北海道ツーリング2016前編











受難その1



 5:50にぐらいに起床した。どうやら身体にだいぶキャンプ旅が馴染んできたようだ。

 早朝の凛と引き締まった空気の中、トーストと熱いコーヒーという簡単な食事を済ませた。

 近くの水道で洗顔をしていると、後ろから肩を叩かれる。

 よう、キタノさん、来てたのかい。こっちは、西興部のキャンプ場から移動してきたばかりなんだ。これからどこに行くんだい。なにクッチャロ湖方面かい。稚内でオイル交換したいだあ?ああ、この店なんてどうだい。でもよう、ボッタクリって書いてあるよう(笑)まあ、洗顔中邪魔したね。気をつけてね!

 おとうだった。

 そうか、ここのキャンプ場は、おとうがシーズン券を購入するほど常連のキャンプ場だった。多分、例のスナックにはウイスがボトルキープされていることであろう。

 お互い苦笑いしながら別れた。

 次に来る時は、久々にエルムにボトルを入れてしこたま飲んで、ガンガン松山千春の曲を歌いまくるかあ〜

 そして、テントを撤収し、パッキングを完璧に済ませ、オロロンラインのクライマックスに向け、スロットルをあげた。
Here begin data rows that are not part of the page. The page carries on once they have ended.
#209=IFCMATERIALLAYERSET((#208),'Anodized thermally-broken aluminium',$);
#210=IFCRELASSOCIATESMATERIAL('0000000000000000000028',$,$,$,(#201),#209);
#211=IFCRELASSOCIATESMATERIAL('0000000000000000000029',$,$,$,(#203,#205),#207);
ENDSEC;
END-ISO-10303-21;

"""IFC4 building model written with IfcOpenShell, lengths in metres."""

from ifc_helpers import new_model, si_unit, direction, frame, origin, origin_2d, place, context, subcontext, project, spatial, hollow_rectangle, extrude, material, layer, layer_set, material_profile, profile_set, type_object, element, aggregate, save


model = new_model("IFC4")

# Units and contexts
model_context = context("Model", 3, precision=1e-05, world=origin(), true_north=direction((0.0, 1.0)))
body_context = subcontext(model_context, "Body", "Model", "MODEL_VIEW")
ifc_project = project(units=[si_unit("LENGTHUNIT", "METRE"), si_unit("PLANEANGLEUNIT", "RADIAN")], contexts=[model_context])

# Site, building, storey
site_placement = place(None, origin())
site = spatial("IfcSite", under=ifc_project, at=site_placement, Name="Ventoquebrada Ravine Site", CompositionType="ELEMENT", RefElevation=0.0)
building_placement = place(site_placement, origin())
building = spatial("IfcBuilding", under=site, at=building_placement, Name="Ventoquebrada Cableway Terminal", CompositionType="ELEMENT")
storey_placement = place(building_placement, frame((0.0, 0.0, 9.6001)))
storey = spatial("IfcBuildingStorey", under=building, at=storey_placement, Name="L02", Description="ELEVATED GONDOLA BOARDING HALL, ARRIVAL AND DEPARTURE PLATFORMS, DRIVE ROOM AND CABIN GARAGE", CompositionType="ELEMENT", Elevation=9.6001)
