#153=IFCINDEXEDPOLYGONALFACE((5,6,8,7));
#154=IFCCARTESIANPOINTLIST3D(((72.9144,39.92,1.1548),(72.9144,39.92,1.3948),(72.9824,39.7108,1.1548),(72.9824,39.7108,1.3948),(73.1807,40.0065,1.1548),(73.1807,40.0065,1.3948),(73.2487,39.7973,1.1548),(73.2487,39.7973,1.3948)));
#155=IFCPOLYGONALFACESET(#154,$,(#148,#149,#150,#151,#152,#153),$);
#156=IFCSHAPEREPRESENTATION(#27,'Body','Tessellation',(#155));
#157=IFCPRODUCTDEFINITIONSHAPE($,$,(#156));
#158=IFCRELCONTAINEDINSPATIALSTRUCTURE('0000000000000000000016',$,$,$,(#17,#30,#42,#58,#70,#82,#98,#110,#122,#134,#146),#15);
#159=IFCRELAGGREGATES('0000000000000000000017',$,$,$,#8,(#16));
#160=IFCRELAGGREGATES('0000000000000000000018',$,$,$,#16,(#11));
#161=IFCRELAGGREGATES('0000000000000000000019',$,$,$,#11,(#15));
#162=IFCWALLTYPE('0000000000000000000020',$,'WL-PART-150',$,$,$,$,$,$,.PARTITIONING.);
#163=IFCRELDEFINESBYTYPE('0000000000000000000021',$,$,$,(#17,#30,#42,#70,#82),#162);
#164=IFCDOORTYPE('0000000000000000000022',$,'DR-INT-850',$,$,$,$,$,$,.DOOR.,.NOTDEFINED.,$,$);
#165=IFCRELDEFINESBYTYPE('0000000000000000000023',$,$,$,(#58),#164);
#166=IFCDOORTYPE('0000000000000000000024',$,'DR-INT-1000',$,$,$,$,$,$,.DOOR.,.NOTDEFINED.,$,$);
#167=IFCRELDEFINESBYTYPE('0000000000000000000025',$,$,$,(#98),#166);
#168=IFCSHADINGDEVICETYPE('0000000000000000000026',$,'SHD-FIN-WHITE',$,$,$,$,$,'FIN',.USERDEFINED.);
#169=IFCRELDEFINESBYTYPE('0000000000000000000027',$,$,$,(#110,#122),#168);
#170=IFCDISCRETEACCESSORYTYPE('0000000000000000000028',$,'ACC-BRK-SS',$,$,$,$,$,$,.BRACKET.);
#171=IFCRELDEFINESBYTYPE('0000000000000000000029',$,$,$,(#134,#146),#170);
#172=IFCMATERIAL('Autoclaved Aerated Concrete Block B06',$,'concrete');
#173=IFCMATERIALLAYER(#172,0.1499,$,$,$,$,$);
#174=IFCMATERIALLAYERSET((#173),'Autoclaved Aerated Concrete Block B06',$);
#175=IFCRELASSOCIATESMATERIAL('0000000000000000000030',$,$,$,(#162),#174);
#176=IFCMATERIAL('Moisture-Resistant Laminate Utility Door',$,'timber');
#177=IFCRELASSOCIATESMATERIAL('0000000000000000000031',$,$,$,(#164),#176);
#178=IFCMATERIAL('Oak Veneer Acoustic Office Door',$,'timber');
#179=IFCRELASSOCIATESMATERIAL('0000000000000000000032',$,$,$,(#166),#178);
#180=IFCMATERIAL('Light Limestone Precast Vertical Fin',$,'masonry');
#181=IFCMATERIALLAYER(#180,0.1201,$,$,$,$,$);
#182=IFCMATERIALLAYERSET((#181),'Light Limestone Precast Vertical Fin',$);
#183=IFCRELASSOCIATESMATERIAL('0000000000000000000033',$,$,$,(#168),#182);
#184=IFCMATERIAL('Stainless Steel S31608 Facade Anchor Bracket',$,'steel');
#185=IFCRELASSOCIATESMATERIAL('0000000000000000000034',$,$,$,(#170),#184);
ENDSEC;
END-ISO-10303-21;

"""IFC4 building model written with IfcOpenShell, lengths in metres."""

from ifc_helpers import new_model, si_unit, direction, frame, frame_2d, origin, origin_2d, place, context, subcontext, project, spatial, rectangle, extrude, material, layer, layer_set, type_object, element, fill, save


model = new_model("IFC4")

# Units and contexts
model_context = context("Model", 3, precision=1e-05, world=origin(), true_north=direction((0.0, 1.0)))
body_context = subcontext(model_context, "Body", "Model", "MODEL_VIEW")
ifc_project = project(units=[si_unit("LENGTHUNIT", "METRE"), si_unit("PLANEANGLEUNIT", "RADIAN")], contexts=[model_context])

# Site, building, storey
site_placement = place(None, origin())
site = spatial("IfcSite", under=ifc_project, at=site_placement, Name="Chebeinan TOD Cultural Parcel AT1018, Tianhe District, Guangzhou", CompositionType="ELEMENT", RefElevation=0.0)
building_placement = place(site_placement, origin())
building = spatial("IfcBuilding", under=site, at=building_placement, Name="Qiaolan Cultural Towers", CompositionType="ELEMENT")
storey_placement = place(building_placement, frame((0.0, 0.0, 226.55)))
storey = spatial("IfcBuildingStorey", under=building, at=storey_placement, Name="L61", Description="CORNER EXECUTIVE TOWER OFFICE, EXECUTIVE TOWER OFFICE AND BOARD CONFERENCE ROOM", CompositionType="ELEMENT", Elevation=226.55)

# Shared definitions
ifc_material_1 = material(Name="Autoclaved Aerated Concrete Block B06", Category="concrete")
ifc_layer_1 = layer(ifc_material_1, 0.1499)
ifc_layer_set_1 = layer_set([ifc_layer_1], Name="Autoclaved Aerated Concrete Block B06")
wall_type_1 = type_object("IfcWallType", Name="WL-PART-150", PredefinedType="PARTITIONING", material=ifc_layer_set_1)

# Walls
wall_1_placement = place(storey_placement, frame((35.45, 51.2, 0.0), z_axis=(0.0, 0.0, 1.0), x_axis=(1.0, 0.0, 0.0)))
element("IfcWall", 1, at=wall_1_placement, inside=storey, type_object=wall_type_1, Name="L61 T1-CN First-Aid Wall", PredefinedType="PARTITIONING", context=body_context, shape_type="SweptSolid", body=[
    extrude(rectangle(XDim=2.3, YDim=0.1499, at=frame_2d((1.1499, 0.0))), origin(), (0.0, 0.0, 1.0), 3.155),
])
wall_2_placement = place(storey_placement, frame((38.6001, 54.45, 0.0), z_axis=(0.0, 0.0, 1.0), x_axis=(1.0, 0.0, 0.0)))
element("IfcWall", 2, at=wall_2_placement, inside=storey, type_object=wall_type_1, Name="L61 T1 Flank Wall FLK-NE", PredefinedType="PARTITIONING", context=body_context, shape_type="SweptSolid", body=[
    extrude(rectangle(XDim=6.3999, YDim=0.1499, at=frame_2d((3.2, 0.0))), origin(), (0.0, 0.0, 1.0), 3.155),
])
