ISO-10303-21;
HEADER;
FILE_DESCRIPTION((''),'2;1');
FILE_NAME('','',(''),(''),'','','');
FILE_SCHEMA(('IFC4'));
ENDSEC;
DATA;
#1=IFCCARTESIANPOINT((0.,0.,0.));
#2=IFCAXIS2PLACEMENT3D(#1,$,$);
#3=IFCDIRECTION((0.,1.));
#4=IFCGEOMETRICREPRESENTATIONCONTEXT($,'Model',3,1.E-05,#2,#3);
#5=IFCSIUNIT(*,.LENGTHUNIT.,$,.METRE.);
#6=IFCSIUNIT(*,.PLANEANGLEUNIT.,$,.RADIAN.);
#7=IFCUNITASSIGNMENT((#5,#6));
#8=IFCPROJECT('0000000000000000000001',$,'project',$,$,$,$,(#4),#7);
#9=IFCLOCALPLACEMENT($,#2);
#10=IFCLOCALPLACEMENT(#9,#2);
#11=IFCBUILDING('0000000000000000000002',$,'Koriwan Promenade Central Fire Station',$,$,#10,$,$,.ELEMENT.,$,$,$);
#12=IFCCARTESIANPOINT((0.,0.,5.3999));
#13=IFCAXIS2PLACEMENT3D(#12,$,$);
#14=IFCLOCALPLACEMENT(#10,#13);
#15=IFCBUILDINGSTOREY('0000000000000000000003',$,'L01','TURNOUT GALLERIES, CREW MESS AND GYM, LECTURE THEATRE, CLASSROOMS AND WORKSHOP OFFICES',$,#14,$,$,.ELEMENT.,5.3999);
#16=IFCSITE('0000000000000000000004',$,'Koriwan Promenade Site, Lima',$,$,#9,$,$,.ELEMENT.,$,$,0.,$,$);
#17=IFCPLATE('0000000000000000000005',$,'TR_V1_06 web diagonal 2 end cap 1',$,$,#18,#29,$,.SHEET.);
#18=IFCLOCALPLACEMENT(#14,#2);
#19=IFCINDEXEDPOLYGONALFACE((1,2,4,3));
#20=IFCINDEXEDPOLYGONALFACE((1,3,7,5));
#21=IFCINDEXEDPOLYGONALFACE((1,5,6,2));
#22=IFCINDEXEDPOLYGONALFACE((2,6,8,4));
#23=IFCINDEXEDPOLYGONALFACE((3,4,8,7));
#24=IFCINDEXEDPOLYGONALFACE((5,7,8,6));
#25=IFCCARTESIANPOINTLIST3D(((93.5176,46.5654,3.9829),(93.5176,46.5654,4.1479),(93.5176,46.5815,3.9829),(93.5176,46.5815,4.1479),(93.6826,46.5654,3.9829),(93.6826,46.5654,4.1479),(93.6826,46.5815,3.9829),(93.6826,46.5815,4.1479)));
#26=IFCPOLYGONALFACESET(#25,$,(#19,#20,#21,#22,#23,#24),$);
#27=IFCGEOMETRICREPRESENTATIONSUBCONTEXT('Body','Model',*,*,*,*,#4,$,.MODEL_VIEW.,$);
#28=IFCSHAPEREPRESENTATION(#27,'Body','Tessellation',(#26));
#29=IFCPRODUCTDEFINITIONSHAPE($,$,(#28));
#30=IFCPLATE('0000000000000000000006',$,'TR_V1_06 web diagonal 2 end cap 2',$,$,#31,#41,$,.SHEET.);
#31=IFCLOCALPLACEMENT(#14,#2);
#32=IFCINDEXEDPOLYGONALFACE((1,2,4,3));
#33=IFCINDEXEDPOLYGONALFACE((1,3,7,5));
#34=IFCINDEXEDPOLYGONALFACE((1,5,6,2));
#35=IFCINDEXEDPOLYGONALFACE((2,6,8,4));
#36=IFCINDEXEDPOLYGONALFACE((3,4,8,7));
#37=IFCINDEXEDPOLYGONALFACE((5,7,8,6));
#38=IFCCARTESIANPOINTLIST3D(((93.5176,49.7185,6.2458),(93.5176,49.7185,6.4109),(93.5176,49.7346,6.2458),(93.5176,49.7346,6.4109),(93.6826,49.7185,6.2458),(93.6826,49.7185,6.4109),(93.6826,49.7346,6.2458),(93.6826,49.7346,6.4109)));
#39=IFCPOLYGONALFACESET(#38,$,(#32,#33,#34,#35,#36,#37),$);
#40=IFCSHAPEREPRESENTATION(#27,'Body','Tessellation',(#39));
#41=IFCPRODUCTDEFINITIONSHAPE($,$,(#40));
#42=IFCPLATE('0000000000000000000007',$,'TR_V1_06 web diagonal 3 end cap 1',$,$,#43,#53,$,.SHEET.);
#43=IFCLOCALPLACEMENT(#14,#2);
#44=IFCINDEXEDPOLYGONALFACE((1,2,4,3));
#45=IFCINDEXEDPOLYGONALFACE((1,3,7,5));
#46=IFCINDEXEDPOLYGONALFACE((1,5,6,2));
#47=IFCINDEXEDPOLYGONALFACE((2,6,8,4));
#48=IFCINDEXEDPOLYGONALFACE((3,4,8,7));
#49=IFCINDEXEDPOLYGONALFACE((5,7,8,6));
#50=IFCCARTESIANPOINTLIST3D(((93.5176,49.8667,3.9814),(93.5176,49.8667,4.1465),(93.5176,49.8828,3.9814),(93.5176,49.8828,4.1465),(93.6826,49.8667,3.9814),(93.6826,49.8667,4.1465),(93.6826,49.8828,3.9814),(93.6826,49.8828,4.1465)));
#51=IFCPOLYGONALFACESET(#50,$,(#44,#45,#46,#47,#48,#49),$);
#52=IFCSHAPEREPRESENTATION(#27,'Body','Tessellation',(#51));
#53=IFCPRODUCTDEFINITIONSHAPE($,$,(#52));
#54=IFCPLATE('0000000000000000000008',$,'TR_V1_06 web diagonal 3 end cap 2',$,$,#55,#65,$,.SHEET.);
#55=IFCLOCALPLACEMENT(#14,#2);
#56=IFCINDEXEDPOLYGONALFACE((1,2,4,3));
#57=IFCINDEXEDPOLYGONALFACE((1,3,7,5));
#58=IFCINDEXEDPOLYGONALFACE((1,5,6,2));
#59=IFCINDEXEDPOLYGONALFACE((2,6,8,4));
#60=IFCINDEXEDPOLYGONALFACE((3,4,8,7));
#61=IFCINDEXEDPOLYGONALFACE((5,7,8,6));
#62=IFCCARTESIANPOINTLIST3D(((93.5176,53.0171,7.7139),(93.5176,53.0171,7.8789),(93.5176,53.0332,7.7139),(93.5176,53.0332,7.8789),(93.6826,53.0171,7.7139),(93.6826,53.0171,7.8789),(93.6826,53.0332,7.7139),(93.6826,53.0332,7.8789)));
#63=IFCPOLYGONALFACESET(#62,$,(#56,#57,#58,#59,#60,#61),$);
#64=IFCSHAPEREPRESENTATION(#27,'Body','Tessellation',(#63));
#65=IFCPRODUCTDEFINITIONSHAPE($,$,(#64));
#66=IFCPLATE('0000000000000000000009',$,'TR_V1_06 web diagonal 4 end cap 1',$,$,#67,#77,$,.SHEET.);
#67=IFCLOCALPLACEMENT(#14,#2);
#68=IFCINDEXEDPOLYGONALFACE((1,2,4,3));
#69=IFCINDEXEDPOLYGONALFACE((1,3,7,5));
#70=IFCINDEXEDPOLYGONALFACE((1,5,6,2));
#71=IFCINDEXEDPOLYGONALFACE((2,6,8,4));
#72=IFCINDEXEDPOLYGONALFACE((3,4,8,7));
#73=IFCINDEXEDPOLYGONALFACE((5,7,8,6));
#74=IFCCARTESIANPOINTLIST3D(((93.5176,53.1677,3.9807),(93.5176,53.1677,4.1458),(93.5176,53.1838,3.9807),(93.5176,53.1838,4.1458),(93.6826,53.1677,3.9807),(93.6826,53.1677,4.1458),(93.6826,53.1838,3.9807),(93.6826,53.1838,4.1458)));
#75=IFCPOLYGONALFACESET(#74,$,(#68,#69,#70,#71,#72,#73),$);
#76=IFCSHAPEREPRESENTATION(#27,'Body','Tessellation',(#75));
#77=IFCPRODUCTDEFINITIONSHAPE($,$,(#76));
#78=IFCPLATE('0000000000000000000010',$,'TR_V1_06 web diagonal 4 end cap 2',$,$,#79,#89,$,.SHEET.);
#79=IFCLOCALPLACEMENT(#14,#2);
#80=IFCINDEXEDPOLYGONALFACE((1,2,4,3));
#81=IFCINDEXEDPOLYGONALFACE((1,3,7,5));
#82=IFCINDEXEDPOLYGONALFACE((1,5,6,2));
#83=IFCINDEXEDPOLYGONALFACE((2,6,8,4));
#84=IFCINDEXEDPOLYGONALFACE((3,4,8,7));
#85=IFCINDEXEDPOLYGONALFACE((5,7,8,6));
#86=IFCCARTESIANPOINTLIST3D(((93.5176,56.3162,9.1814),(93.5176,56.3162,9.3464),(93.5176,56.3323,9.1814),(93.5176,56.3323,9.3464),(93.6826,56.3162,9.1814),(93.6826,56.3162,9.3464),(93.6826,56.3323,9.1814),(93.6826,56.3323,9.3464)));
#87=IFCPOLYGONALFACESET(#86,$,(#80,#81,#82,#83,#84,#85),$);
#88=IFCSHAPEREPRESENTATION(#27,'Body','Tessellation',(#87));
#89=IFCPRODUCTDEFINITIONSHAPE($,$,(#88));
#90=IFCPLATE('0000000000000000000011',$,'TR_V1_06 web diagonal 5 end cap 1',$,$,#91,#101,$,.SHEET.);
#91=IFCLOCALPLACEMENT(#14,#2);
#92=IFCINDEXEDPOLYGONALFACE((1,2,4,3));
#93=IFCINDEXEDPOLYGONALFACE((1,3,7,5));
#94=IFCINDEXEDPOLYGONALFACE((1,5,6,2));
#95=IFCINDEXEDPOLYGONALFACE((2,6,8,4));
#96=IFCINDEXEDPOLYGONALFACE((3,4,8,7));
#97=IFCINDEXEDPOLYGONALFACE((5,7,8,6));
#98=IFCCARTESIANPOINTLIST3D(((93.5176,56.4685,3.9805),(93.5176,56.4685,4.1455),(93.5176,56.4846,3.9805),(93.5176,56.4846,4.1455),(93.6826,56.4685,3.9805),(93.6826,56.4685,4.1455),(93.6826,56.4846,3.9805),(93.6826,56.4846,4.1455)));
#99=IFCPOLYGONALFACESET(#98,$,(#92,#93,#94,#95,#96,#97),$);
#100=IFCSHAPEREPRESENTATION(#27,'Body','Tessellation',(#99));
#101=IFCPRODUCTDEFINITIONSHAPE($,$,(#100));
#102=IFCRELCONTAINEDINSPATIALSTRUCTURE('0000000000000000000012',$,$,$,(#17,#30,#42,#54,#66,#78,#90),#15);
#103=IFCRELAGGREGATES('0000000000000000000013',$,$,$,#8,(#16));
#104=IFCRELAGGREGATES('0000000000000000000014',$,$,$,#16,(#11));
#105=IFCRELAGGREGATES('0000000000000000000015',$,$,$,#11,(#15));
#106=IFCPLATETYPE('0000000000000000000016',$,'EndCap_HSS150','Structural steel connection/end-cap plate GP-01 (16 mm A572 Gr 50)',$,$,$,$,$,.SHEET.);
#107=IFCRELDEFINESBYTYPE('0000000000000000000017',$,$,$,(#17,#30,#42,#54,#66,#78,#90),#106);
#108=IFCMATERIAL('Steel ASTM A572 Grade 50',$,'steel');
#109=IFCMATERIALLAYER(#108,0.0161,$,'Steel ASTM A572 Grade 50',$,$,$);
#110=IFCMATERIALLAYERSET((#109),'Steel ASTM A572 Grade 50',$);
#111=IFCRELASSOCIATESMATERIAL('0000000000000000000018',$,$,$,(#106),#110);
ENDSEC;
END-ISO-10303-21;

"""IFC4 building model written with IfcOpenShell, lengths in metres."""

from ifc_helpers import new_model, si_unit, direction, frame, origin, origin_2d, place, context, subcontext, project, spatial, rectangle, extrude, material, layer, layer_set, type_object, element, save


model = new_model("IFC4")

# Units and contexts
model_context = context("Model", 3, precision=1e-05, world=origin(), true_north=direction((0.0, 1.0)))
body_context = subcontext(model_context, "Body", "Model", "MODEL_VIEW")
ifc_project = project(units=[si_unit("LENGTHUNIT", "METRE"), si_unit("PLANEANGLEUNIT", "RADIAN")], contexts=[model_context])

# Site, building, storey
site_placement = place(None, origin())
site = spatial("IfcSite", under=ifc_project, at=site_placement, Name="Koriwan Promenade Site, Lima", CompositionType="ELEMENT", RefElevation=0.0)
building_placement = place(site_placement, origin())
building = spatial("IfcBuilding", under=site, at=building_placement, Name="Koriwan Promenade Central Fire Station", CompositionType="ELEMENT")
storey_placement = place(building_placement, frame((0.0, 0.0, 5.3999)))
storey = spatial("IfcBuildingStorey", under=building, at=storey_placement, Name="L01", Description="TURNOUT GALLERIES, CREW MESS AND GYM, LECTURE THEATRE, CLASSROOMS AND WORKSHOP OFFICES", CompositionType="ELEMENT", Elevation=5.3999)

# Plates
ifc_material_1 = material(Name="Steel ASTM A572 Grade 50", Category="steel")
ifc_layer_1 = layer(ifc_material_1, 0.0161, Name="Steel ASTM A572 Grade 50")
ifc_layer_set_1 = layer_set([ifc_layer_1], Name="Steel ASTM A572 Grade 50")
plate_type_1 = type_object("IfcPlateType", Name="EndCap_HSS150", Description="Structural steel connection/end-cap plate GP-01 (16 mm A572 Gr 50)", PredefinedType="SHEET", material=ifc_layer_set_1)
for number, where, z_axis, x_axis, name in (
    (1, (93.6001, 46.5735, 3.9829), (0.0, 0.0, 1.0), (0.0, 1.0, 0.0), "TR_V1_06 web diagonal 2 end cap 1"),
    (2, (93.6001, 49.7266, 6.2458), (0.0, 0.0, 1.0), (0.0, 1.0, 0.0), "TR_V1_06 web diagonal 2 end cap 2"),
    (3, (93.6001, 49.8748, 3.9814), (0.0, 0.0, 1.0), (0.0, 1.0, 0.0), "TR_V1_06 web diagonal 3 end cap 1"),
    (4, (93.6001, 53.0251, 7.7139), (0.0, 0.0, 1.0), (0.0, 1.0, 0.0), "TR_V1_06 web diagonal 3 end cap 2"),
    (5, (93.6001, 53.1758, 3.9807), (0.0, 0.0, 1.0), (0.0, 1.0, 0.0), "TR_V1_06 web diagonal 4 end cap 1"),
    (6, (93.6001, 56.3242, 9.1814), (0.0, 0.0, 1.0), (0.0, 1.0, 0.0), "TR_V1_06 web diagonal 4 end cap 2"),
    (7, (93.6001, 56.4766, 3.9805), (0.0, 0.0, 1.0), (0.0, 1.0, 0.0), "TR_V1_06 web diagonal 5 end cap 1"),
):
    element("IfcPlate", number, at=place(storey_placement, frame(where, z_axis=z_axis, x_axis=x_axis)), inside=storey, type_object=plate_type_1, Name=name, PredefinedType="SHEET", context=body_context, shape_type="SweptSolid", body=[
        extrude(rectangle(XDim=0.0161, YDim=0.165, at=origin_2d()), origin(), (0.0, 0.0, 1.0), 0.165),
    ])

save(model, "model.ifc")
もしかしたら、北のサムライと愛機ゼファーもクライマックスに突入していたかも知れぬ?

 雲海の上の利尻山山頂の光景がとても美しかった。





 このあたりで、デジカメのバッテリーが切れてしまった。やむなく予備のデジカメを出す。バッテリーは、シガーソケットに繋いで充電を始めた。思えばこれも後の悲劇の遠因になるのかなあ?

 ここは、抜海岩あたりだ。ついでに撮影しておこう。十数年ぐらい前まで真下に民家があった記憶もあるのだが、今はもうなにもない。

 アイヌの伝説もある。昔、このあたりに仲の良い夫婦が暮らしていたそうな。ところがある日、大喧嘩をしてしまい夫は他の女性と舟で宗谷海峡方面へ出てしまったそうな。それを見た妻は怒り狂いこの岩に登り、海が荒れるよう懇願した。するとたちまち大暴風が起き舟は沈んでしまい、二人は死んでしまった。

 それ以来、この岩に登ると宗谷海峡が荒れてしまうといわれるようになったらしい。

 やはりぼくの今回の旅のトラブルは妻の祟りかも?・・・

 ピー





 抜海岩の麓には、抜海岩陰遺跡という海食小洞が存在する。先史時代の生活の場だったようだ。先史時代っていつ頃か?まあ、大和民族が文字をもつ前の時代だということは間違いないだろう。本州の縄文時代の末期あたりなのかなと勝手に想像してしまった。

 1963年に発掘調査され、オホーツク土器が大量に出土されたそうだ。

 実は狩猟民族は乱獲さえしなければ、農耕民族と違い飢饉がないので、ぞんがい安定した日常生活を送っていたそうな。鮭マスは無尽蔵に獲れるし、アザラシなどの海獣を生で食べればビタミンCを補給できる。鹿や兎もたくさんいた。もう少し、歴史を遡ればナウマンゾウまで存在している。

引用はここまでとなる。